I got 6 bottles out of this batch. If you are a big sweet/sour fan, this one's for you. Good drinking early, too. I'm drinking today's bottling leftovers at 3 months out. I'm sure it'll get even better with some age. You can adjust the sour with back sweetening. If you don't plan to back sweeten, I highly suggest using less lime juice, as it seems to come out a bit more with time, and at full dryness i think your mouth would pucker down into your throat 

Got the idea when hubby picked out blueberry ice cream at the store, and I got lime sherbet. They tasted pretty darn good together!
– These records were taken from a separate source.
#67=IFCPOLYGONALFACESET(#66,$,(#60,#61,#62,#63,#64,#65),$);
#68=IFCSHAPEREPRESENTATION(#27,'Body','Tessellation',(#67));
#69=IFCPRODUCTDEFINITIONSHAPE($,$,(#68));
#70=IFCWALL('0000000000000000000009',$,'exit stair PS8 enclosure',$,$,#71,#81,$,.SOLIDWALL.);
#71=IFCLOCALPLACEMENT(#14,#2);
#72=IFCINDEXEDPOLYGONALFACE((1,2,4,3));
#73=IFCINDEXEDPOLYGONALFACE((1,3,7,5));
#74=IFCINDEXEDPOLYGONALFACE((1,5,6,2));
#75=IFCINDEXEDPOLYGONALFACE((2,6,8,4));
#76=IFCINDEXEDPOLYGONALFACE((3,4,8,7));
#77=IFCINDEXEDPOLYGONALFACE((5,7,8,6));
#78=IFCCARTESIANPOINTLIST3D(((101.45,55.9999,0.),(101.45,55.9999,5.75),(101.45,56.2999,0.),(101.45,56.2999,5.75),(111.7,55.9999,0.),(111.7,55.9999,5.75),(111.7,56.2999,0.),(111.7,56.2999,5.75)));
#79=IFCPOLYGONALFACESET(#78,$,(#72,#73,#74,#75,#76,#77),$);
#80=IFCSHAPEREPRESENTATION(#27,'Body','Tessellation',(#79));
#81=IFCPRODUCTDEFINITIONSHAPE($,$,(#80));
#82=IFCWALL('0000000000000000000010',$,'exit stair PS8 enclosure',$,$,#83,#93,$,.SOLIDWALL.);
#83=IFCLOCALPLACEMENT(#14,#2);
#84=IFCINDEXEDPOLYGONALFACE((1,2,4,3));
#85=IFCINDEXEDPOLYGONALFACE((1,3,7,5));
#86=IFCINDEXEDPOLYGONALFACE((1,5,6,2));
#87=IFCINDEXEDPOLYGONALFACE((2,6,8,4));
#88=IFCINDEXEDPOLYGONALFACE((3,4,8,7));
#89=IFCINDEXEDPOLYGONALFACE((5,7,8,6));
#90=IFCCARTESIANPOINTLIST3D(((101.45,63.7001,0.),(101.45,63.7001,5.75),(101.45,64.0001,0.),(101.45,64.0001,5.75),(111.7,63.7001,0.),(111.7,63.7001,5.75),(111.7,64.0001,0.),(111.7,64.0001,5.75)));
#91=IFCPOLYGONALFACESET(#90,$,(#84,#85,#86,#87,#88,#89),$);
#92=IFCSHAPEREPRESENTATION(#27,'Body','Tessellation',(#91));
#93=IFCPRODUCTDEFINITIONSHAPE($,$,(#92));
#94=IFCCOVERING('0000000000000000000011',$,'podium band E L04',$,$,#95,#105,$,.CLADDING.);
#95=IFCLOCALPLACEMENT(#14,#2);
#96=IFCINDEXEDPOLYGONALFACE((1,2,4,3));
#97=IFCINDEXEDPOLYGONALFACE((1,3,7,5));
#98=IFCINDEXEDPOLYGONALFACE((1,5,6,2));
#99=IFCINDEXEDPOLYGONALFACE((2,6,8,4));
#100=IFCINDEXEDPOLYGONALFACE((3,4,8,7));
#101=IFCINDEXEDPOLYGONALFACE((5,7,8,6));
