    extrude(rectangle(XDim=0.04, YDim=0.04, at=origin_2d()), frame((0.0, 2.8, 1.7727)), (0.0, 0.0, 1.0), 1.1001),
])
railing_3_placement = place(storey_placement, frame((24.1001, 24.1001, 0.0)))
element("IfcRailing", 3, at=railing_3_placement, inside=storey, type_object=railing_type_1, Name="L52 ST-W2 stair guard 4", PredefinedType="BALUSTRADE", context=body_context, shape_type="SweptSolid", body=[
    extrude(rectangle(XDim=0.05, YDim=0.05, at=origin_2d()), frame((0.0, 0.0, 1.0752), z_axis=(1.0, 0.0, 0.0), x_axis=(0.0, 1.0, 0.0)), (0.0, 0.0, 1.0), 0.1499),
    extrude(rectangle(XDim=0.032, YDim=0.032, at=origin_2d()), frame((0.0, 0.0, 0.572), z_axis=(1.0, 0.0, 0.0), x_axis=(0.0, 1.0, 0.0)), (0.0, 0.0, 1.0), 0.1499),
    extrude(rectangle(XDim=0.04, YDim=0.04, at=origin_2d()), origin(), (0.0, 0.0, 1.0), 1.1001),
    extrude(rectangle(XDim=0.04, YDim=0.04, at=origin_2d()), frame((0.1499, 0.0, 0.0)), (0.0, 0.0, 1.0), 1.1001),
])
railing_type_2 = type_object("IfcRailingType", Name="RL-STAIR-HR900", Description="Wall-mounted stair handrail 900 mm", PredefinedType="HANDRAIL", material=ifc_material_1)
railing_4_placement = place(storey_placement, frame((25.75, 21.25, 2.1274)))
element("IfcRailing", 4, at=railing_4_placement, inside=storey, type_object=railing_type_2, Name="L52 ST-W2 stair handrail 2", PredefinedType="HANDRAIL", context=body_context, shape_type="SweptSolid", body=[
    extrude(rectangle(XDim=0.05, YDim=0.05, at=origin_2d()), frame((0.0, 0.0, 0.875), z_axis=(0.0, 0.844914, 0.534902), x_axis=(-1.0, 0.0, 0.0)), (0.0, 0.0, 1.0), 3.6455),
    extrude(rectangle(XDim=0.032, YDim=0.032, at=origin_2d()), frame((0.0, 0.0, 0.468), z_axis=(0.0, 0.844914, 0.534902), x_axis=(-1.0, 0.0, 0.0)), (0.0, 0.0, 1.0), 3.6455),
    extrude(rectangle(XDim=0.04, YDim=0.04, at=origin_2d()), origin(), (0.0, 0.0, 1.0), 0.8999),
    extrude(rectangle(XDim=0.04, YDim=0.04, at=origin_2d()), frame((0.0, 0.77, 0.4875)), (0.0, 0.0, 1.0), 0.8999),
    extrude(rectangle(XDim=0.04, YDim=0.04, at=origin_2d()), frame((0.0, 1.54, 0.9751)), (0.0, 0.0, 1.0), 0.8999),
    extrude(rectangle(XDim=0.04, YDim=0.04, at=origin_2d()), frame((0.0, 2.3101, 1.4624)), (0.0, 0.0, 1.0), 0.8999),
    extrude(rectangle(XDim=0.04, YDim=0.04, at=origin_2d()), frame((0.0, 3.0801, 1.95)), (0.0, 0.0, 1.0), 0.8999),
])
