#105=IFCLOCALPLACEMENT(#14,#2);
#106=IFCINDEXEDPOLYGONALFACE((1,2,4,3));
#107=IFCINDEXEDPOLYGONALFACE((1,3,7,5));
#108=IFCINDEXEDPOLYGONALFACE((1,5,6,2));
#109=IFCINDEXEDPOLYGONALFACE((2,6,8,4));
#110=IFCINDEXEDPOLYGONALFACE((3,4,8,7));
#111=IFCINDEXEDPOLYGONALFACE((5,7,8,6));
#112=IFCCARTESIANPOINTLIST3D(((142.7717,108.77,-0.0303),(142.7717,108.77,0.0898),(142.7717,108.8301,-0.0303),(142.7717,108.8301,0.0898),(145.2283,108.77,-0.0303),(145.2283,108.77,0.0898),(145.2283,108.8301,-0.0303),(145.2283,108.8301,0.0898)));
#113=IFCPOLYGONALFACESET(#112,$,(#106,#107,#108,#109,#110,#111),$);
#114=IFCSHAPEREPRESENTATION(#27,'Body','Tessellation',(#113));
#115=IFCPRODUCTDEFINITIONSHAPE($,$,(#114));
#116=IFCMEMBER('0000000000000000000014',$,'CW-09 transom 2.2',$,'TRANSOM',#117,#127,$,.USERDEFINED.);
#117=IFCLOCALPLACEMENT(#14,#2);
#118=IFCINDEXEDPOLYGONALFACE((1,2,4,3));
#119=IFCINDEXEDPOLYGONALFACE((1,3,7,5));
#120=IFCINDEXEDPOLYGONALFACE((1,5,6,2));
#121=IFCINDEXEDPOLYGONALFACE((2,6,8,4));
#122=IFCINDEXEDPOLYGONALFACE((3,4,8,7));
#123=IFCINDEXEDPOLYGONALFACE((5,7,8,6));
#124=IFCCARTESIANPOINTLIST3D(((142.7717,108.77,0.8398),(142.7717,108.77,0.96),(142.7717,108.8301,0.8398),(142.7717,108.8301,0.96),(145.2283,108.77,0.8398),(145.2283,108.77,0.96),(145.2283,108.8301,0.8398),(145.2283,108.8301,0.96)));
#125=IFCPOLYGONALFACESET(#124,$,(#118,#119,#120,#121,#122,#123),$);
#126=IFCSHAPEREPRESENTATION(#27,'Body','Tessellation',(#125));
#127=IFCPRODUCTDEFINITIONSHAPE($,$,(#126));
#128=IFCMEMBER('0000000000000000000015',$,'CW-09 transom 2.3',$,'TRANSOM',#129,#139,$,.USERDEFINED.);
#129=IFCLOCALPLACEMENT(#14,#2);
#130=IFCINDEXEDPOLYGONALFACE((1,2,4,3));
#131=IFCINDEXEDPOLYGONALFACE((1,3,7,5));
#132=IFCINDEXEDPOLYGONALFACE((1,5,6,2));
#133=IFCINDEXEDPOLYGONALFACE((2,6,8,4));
Now to make a big batch...


----------



## Marta Sommer (Dec 26, 2017)

Hi i am Interested in your Blueberry Lime recipes, very happy to see such a sour flavoured recipes.


----------



## AkTom (Dec 27, 2017)

I just happen to have some frozen blueberries...


----------



## HarrysHomeBrew (Jan 12, 2018)

My wife loves mike's hard strawberry lemonade. I think I will try something like. Think it would work with frozen concentrate limeade? After reading this I bout me some frozen blueberries. If I start that batch I will give updates.


----------



## Northerngal (Jan 29, 2018)

HarrysHomeBrew said:


> My wife loves mike's hard strawberry lemonade. I think I will try something like. Think it would work with frozen concentrate limeade? After reading this I bout me some frozen blueberries. If I start that batch I will give updates.



Do a google search for “Dragons Blood” wine recipe. It’s a variation on skeeter pee (lemon wine). Should work well with strawberries & lemon! The lemon may overpower the strawberries a bit so maybe consider an fpac to backsweeten & flavour. In fact; I am inspired! 

To the drawing board...!


----------